= Tôn-Thất Tiết =

Vietnamese-born French music composer (born 1933)

Tôn-Thất Tiết (born 1933 in Huê) is a Vietnamese-born French music composer. His double-character family name is Tôn Thất, his given name Tiết (尊室節).

== Biography ==
Born in Huê in central Vietnam in 1933, Tiet came to Paris in 1958 to study composition at the Conservatoire de Paris. In 1977 he adopted French citizenship.

At the Paris Conservatoire he attended Jean Rivier's and André Jolivet's classes for composition. He was at first drawn to the serial technique but from 1966 on he turned to another mode of inspiration. Of André Jolivet he said: "As a professor, he has never tried to influence me, nor push me toward any special kind of style. Our professor-student relationship was of a spiritual order. Yet through his suggestion and what Rivier had said, I came to realize that it was in the oriental way of thinking that I would find my style in music.

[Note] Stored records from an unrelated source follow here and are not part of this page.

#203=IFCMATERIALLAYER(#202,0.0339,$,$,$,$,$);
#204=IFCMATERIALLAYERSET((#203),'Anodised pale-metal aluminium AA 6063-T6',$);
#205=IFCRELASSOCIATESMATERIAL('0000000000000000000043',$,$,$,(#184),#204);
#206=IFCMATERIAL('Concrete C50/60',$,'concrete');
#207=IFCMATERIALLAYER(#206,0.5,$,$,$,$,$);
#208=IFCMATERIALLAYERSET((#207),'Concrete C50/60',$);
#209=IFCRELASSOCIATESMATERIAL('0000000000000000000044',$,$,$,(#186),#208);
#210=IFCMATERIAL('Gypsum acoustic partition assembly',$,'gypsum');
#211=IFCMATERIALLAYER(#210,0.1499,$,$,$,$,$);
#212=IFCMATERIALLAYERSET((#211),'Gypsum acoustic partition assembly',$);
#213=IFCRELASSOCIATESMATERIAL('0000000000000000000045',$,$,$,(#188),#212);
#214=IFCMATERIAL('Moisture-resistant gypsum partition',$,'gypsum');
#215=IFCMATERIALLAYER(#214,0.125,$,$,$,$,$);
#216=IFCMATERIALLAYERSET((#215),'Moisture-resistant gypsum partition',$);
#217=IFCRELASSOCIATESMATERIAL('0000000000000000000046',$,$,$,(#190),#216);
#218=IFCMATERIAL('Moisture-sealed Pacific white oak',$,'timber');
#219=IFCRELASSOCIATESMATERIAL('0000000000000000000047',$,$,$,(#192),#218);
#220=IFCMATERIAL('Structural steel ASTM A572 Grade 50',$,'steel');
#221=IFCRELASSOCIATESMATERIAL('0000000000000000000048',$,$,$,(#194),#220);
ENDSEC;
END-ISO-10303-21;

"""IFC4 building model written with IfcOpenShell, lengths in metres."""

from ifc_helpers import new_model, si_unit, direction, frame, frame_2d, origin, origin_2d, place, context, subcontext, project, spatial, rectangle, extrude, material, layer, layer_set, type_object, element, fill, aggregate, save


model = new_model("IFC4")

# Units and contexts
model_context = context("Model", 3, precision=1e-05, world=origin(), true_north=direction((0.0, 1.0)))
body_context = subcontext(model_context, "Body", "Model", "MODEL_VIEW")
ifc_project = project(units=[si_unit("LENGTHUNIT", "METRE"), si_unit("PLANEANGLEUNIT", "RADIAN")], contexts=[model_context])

I owe to Rivier the language and the shaping of my music which, as Jolivet has said, should be "a mean to express ideas and not an aim in itself".

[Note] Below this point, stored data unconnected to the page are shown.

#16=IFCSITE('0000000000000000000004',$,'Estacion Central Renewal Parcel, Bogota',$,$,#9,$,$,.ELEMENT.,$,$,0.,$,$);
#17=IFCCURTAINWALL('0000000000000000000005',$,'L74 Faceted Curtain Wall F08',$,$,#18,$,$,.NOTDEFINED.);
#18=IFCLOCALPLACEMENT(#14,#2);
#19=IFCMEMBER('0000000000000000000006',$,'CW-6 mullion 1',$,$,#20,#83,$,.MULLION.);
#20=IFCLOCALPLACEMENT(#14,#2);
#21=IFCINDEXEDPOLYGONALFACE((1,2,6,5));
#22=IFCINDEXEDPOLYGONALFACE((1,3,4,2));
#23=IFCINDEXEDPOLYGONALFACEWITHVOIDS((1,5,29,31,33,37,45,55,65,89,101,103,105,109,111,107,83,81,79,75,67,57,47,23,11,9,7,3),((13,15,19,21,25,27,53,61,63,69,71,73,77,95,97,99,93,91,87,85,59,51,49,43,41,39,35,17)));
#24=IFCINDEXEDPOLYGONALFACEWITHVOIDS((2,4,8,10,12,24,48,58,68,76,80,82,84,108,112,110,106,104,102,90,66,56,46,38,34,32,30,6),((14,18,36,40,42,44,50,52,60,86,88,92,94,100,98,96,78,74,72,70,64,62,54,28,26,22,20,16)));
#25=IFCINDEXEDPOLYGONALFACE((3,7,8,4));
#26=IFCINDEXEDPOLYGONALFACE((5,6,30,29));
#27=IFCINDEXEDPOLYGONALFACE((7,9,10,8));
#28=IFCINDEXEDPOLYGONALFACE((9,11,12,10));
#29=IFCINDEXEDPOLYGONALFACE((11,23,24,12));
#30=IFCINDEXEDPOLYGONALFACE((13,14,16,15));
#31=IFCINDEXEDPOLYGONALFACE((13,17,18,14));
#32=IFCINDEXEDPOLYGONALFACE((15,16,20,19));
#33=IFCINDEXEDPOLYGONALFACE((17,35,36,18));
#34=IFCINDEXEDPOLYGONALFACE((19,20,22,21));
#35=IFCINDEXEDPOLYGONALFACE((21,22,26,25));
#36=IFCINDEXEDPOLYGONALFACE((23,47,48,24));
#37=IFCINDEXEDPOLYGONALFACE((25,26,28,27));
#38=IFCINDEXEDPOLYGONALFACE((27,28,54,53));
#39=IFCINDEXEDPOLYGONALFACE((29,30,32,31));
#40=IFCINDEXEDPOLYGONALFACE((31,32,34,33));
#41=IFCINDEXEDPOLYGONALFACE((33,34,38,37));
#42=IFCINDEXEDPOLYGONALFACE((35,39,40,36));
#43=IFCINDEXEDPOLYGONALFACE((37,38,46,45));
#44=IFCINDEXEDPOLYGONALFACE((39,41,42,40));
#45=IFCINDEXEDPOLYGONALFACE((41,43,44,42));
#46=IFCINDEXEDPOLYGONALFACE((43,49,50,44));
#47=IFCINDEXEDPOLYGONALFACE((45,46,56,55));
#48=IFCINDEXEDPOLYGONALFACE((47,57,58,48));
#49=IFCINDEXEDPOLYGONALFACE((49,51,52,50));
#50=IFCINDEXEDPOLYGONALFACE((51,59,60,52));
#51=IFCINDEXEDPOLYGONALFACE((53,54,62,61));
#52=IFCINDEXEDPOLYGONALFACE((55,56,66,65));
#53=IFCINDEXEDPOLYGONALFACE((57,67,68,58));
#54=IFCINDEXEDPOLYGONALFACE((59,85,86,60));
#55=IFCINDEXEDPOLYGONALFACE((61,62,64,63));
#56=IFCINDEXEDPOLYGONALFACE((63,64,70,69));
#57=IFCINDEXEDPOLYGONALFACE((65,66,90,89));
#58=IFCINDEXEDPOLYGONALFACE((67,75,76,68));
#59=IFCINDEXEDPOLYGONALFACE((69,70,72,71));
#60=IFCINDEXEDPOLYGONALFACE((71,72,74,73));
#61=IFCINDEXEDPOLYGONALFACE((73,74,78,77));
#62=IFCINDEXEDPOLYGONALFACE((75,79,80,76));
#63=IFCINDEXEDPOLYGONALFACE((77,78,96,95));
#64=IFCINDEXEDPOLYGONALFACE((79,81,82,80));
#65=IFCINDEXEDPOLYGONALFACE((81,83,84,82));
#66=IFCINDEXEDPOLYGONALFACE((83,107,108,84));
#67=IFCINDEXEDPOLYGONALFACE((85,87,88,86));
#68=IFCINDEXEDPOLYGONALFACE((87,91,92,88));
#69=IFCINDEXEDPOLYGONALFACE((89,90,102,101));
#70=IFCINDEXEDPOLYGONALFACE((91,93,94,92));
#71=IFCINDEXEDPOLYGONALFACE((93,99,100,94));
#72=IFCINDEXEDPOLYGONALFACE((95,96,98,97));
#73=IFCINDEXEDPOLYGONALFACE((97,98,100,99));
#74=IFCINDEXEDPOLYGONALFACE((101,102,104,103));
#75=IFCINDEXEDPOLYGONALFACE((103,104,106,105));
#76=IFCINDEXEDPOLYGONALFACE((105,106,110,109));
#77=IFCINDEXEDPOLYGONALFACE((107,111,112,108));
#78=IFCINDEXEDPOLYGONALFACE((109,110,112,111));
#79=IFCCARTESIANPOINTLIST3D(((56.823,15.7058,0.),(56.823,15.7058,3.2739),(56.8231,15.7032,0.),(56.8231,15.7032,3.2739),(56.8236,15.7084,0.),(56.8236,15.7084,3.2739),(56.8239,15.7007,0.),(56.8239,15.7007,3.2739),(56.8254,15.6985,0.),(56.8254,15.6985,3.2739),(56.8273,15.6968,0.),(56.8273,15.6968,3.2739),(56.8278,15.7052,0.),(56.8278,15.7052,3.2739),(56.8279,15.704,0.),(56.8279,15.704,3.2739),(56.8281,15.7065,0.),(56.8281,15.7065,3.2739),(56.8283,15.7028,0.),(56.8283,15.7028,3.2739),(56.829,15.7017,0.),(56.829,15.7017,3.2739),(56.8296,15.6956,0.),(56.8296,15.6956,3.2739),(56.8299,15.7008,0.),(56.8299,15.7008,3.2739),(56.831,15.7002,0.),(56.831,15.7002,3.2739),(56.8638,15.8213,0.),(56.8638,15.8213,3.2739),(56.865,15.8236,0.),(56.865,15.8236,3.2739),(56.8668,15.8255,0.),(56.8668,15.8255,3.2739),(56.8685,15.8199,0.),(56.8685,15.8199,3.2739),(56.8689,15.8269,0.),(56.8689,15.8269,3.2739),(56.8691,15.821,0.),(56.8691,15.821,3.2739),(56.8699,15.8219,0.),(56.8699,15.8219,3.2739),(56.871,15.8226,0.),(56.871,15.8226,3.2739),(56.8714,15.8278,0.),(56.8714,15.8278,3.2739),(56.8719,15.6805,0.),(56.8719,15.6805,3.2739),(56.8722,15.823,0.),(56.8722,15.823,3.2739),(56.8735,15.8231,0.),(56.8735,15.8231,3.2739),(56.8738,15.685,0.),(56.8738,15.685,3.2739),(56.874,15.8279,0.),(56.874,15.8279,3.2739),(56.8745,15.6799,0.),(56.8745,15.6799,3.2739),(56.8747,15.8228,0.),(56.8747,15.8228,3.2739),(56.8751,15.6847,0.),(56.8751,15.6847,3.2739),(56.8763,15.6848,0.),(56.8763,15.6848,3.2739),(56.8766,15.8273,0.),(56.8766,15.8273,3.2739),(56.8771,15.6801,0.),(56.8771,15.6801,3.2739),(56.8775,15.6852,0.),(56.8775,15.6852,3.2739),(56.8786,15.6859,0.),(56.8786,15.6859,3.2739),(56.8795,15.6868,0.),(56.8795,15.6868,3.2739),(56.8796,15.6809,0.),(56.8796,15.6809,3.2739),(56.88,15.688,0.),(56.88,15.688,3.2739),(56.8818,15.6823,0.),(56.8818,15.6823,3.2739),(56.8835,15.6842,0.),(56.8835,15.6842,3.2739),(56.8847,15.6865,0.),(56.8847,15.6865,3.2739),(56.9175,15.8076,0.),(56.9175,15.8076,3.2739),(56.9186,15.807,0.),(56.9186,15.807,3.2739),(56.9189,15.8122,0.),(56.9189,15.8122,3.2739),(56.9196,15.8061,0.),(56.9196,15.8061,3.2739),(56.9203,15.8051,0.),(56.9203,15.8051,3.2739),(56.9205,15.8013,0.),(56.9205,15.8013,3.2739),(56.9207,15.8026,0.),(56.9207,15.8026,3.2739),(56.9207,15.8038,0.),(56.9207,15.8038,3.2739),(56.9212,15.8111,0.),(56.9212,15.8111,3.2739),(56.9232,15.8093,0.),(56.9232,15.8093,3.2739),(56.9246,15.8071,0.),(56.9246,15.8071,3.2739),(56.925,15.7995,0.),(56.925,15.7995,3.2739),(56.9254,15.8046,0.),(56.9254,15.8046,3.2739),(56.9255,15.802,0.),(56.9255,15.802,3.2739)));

Tôn-Thất Tiết's music has a special language in which both oriental and occidental trends are fused, although the inspiration and thoughts are drawn basically from oriental sources. This is obvious in many of his works such as Kiem Ai (Universal Love, 1978) for choir and orchestra, The Game of the Five Elements, (1982–1990), or Prajna paramita – the basic sutra of Buddhism – for 6 voices and instrumental ensemble, (1988) and Chu Ky, a series of seven instrumental pieces.

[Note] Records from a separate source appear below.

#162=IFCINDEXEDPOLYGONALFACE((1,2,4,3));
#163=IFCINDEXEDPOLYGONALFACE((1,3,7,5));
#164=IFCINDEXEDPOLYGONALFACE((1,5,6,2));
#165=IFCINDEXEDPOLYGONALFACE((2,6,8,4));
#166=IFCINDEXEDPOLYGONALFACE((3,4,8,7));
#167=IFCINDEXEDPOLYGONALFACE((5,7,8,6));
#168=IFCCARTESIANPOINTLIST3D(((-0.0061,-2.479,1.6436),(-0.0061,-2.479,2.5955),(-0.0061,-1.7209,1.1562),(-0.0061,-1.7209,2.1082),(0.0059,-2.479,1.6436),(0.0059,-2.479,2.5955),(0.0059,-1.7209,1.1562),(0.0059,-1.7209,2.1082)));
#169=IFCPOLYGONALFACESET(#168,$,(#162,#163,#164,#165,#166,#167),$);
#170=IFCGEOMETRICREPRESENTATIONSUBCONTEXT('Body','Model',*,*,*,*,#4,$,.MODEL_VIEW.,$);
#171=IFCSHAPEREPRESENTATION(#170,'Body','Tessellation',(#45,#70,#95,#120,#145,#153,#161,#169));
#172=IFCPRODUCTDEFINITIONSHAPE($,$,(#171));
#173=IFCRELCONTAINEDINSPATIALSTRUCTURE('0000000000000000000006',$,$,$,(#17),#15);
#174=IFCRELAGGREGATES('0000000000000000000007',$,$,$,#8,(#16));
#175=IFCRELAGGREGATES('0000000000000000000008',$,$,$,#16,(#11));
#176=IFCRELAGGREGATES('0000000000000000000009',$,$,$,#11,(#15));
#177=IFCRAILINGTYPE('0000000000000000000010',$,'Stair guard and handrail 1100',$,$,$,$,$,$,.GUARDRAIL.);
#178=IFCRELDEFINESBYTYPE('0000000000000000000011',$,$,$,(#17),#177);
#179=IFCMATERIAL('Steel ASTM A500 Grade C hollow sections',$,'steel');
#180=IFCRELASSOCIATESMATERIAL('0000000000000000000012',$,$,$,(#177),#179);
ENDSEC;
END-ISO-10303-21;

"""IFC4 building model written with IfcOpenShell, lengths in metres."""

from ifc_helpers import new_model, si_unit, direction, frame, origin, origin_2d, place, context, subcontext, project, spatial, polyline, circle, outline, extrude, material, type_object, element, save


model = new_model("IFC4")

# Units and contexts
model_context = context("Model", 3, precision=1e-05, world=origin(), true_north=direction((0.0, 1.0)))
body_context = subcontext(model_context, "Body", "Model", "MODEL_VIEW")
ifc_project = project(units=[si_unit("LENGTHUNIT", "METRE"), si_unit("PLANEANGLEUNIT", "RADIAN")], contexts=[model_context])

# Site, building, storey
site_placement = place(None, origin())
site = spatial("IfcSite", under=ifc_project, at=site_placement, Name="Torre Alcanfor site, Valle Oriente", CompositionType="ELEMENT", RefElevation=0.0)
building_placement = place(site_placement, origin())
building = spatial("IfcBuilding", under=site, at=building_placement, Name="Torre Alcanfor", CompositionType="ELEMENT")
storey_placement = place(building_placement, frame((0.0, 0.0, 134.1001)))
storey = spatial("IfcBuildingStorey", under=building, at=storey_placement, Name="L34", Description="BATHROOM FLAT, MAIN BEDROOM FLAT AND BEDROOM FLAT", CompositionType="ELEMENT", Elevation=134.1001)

Tôn-Thất Tiết composed the scores for three of Trần Anh Hùng's feature films: The Scent of Green Papaya, Cyclo, and The Vertical Ray of the Sun. He has also collaborated with French choreographer Régine Chopinot on two of her dance pieces: Parole de feu (1995) and Danse du temps (1999).

In 1993, he founded the France-Vietnam Music Association to promote the development of traditional music in Vietnam.